第5話 勧誘を拒否ってみた

「おい! 新入り!」


 俺はその大きな声が何かと思って辺りを見渡すと、巨大な身体をしたモヒカン野郎がのっそのっそと俺に向かって近づいてきた。筋骨隆々で身長は2m近くあるんじゃないか?


「キョロキョロしてんじゃねぇよ! おっさん! お前の事だよ! 『Lunatic brave online IV』をやるのは初めてなんだろ?」


 おっさんなのか? 俺の姿は。ランダムに決めてもらってから鏡もないし自分の姿を見てない。だからあまり自分のことだと思えなかった。が、現実でもいい歳したおじさんだし、ゲームの中でもおじさんの方が違和感はないかな。ってかこいつも充分おっさんだろ……って頭の上に名前ないな。ってことはこのおっさんはプレイヤーってことか?


「よく俺が初めてこのゲームをするってわかったな?」


「見てりゃわかるよ。初めてこのゲームをやるやつは勝手がわからずにそうやって何したらいいかわからなくて、身動きせず立ってたりするからな」


 まあ、確かに俺は何もせずにたってたけど、勝手がわからないって訳じゃないんだけどなぁ。

 そうは思ったが、とりあえず言い返すことはせずに俺はモヒカン野郎の出方を見ることにした。


「アカウントを作り直したやつとかは、やりたいことも決まってるからさっさと動き出すんだ」


 そう自慢げに話すモヒカン野郎に俺は適当に話を合わせることにする。


「なるほどねぇ……」

 

 とはいっても、このモヒカン野郎のいうことも一理あると思う。俺はどっちかと言うと作り直さずにやりこむタイプだったからそういう経験はないが、実際に周りのフレンドとかそういう人は多くいたからね。

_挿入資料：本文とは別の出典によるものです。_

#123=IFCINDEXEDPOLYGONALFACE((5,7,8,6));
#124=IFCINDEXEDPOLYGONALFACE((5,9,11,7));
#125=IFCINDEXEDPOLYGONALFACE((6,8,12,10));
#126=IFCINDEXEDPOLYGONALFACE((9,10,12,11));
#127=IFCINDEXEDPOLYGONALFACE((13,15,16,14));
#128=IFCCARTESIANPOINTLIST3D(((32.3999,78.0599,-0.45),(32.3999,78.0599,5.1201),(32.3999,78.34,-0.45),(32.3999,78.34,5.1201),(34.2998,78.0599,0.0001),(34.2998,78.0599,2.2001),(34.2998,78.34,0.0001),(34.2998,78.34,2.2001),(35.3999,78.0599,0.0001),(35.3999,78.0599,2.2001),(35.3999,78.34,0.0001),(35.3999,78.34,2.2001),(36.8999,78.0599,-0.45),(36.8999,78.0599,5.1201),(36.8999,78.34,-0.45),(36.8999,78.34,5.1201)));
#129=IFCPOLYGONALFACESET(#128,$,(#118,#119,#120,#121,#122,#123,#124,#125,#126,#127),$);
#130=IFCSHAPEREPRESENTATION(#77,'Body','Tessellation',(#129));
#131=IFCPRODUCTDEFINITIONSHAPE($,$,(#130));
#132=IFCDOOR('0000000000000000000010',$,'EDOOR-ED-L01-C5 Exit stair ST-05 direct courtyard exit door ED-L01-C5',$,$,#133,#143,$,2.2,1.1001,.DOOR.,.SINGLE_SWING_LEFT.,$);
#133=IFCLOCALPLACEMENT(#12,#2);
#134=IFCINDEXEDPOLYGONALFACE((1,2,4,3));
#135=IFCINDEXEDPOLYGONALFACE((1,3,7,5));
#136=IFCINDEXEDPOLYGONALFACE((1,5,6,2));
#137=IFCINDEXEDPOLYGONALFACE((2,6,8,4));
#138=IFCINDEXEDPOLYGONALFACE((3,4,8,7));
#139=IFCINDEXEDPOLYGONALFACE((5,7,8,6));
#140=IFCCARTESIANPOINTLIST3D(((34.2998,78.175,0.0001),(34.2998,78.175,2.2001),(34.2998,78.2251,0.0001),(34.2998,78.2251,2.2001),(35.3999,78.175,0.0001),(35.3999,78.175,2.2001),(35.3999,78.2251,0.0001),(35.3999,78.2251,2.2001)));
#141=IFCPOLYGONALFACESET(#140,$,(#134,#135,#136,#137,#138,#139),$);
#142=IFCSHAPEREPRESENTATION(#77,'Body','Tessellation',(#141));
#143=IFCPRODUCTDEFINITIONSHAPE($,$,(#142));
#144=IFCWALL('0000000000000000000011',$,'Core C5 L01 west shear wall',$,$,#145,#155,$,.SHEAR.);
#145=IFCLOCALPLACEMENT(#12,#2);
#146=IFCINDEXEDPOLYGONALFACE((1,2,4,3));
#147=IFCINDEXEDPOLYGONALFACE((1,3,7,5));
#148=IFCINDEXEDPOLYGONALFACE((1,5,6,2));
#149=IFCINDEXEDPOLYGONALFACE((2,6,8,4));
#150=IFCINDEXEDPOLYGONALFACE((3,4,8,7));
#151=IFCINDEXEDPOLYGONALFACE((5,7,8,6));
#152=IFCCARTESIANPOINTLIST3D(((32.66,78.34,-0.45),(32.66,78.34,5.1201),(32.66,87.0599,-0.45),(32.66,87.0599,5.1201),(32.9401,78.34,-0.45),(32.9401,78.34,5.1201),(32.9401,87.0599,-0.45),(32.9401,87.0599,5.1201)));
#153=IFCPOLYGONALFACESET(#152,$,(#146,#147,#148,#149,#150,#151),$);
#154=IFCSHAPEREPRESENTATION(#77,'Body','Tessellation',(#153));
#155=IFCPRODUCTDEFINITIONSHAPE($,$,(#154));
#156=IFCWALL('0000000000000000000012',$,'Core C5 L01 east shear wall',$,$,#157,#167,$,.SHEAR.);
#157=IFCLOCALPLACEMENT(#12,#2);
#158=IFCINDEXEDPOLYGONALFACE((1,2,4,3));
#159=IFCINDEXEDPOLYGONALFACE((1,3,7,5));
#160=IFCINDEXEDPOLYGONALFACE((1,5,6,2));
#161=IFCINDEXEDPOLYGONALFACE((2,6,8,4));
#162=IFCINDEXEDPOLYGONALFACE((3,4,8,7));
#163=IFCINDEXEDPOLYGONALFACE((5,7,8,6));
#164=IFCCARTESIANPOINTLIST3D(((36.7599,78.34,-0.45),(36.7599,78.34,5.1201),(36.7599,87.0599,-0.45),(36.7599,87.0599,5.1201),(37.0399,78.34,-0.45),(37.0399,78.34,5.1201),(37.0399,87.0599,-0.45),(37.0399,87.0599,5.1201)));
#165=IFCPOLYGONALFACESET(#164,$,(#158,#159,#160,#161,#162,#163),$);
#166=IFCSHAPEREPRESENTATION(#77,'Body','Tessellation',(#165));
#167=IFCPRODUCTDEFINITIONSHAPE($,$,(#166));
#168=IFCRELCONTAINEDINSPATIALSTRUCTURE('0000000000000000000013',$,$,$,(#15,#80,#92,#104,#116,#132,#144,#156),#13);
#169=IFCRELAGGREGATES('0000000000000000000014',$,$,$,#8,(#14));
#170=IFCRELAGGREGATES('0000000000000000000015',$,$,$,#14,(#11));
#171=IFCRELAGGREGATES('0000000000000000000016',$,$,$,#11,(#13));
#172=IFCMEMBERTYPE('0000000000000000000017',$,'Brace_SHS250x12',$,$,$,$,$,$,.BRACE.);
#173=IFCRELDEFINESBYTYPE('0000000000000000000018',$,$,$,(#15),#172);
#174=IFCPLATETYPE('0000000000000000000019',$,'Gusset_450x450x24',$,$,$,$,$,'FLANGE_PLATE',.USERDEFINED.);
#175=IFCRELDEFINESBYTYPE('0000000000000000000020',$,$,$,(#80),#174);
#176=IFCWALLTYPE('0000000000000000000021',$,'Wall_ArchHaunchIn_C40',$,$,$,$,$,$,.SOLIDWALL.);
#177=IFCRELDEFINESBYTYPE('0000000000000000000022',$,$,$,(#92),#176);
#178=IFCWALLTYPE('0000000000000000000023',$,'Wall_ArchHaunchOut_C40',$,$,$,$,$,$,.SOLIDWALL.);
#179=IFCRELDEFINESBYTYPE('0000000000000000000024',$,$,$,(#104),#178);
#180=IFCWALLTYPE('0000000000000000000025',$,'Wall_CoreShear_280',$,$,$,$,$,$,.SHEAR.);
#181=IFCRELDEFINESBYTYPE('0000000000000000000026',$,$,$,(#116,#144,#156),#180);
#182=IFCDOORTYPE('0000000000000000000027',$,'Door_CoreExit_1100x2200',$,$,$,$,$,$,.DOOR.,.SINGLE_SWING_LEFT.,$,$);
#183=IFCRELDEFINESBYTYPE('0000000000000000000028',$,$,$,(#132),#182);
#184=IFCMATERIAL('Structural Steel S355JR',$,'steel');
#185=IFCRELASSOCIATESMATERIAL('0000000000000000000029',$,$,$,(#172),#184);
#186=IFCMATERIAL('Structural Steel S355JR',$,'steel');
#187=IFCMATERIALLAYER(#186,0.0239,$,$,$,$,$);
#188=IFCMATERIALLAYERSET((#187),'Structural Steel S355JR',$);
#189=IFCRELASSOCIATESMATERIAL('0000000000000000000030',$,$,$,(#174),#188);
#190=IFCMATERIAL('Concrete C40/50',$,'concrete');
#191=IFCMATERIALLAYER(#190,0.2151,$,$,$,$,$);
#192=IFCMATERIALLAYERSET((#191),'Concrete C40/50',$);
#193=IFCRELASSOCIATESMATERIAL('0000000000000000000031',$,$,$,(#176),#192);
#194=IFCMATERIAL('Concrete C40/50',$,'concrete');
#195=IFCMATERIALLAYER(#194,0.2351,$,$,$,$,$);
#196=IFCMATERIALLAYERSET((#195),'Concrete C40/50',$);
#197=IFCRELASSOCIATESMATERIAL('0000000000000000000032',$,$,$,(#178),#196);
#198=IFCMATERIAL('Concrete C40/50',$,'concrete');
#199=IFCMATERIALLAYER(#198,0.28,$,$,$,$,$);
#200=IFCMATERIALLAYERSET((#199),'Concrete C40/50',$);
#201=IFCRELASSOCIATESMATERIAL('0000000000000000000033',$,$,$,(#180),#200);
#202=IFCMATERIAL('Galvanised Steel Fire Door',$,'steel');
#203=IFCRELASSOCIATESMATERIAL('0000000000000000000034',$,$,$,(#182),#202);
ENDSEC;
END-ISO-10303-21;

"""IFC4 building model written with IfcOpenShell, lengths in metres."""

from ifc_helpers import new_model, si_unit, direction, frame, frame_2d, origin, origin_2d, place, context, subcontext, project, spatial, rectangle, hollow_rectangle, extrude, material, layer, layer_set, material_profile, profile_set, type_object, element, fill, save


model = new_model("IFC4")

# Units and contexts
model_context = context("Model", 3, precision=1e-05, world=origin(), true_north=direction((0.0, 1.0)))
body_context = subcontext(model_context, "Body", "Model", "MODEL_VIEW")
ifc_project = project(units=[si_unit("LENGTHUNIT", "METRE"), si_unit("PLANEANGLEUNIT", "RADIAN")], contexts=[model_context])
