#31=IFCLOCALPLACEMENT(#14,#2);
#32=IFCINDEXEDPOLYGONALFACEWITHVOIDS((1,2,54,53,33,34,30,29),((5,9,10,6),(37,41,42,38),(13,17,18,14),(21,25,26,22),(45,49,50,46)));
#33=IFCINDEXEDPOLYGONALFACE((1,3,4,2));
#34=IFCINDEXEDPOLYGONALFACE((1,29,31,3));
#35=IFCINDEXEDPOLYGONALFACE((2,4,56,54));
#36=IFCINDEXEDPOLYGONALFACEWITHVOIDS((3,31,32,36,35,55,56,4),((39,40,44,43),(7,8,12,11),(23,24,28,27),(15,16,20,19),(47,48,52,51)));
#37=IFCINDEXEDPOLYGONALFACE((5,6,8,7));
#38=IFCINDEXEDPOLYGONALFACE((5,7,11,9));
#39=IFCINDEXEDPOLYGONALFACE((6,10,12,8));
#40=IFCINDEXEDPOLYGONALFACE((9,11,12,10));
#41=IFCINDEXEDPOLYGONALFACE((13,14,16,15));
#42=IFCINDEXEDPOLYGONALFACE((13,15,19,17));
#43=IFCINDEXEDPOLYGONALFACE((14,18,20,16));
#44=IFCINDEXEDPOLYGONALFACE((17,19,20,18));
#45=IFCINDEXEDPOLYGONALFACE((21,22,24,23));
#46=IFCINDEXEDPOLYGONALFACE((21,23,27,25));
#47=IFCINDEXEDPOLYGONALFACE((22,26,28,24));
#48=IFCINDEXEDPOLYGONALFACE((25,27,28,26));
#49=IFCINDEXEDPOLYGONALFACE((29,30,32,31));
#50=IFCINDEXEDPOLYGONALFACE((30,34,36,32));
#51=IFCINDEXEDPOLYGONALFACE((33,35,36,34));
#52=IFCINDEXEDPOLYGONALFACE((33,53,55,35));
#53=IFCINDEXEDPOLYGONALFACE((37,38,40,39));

「俺はそういう新入りをクランに誘ってんだよ。どんなクランに入っても俺に合うクランがねぇから作ったんだ。クランを作ったばっかりで大きくしたいからな……だから俺は新入りに声かけてんだ」


 クランか……『Lunatic brave online』でもあったシステムだ。所属しているクランメンバー専用のチャットもあったり、パーティーを組むにしてもクランメンバー同士だとボーナスがあったりしたな。『Lunatic brave online IV』ではわからないけど、同じような特典はあるのかな? ま、あるんだろうな。だからこそ、こいつはこうやって集めてるんだろうし……


「で、クランに誘うにあたってお前のステフリを教えて貰おうか?」


 誘う誘わないも入る入らないの選択権は俺にあるんじゃないのか? まあ質問に答えるだけならいいか……


「DEX極だよ」


 と、俺の言葉を聞いたモヒカン野郎は急に大声で笑いだした。


「あはは! DEX極だって! 馬鹿じゃねぇか? ドシロウトが! さっさとアカウント作り直してこいよ!」


 ドシロウトだと? ふざけんなよ? 昔とはいえ俺が『Lunatic brave online 』をどれだけやり込んだと思ってんだ……こいつ……


「何、言ってんだよ……」


 俺はふつふつと怒りが込み上げてきた。つーか分かったわ。こいつは行く先々でクランから追い出されて来たんだろうな。初っ端からムカつくやつだし、行く先々で問題起こしてきたんだろうよ……

 と、俺が思ったが、そんなことなどお構い無しとモヒカン野郎は偉そうに講釈を垂れる。


「何言ってんだも何も先輩の忠告だぜ? 聞いとけよなぁ……ったくこれだからシロウトは……」


「……ぜってー作り直さねーよ……」


 さすがに我慢の限界だった俺は、モヒカン野郎にはっきりと拒否の意思をみせた。


「は?」


「いきなりそんな喧嘩売られて言う通りになんかする訳ねーだろーよ!」


 どっちにしろこんなやつのクランになんか入るわけがない。怒る俺に掴みかかろうとモヒカン野郎が動いた時に、間に割って入る人影があった。


「おいおい、喧嘩かよ? このゲームじゃまだPvPはや導入されてない。ましてやセフトの中だぞ? すぐに運営がBANするぞ?」


「ゲ! アンバーじゃねぇか!」


 モヒカン野郎はその人物に一瞬驚いてから俺に向かって声を投げすててきた。


「せっかく忠告してやったのに! 他のヤツを誘うから後悔すんなよ!」


 モヒカン野郎はそう捨て台詞を残して次の勧誘に向かっていった。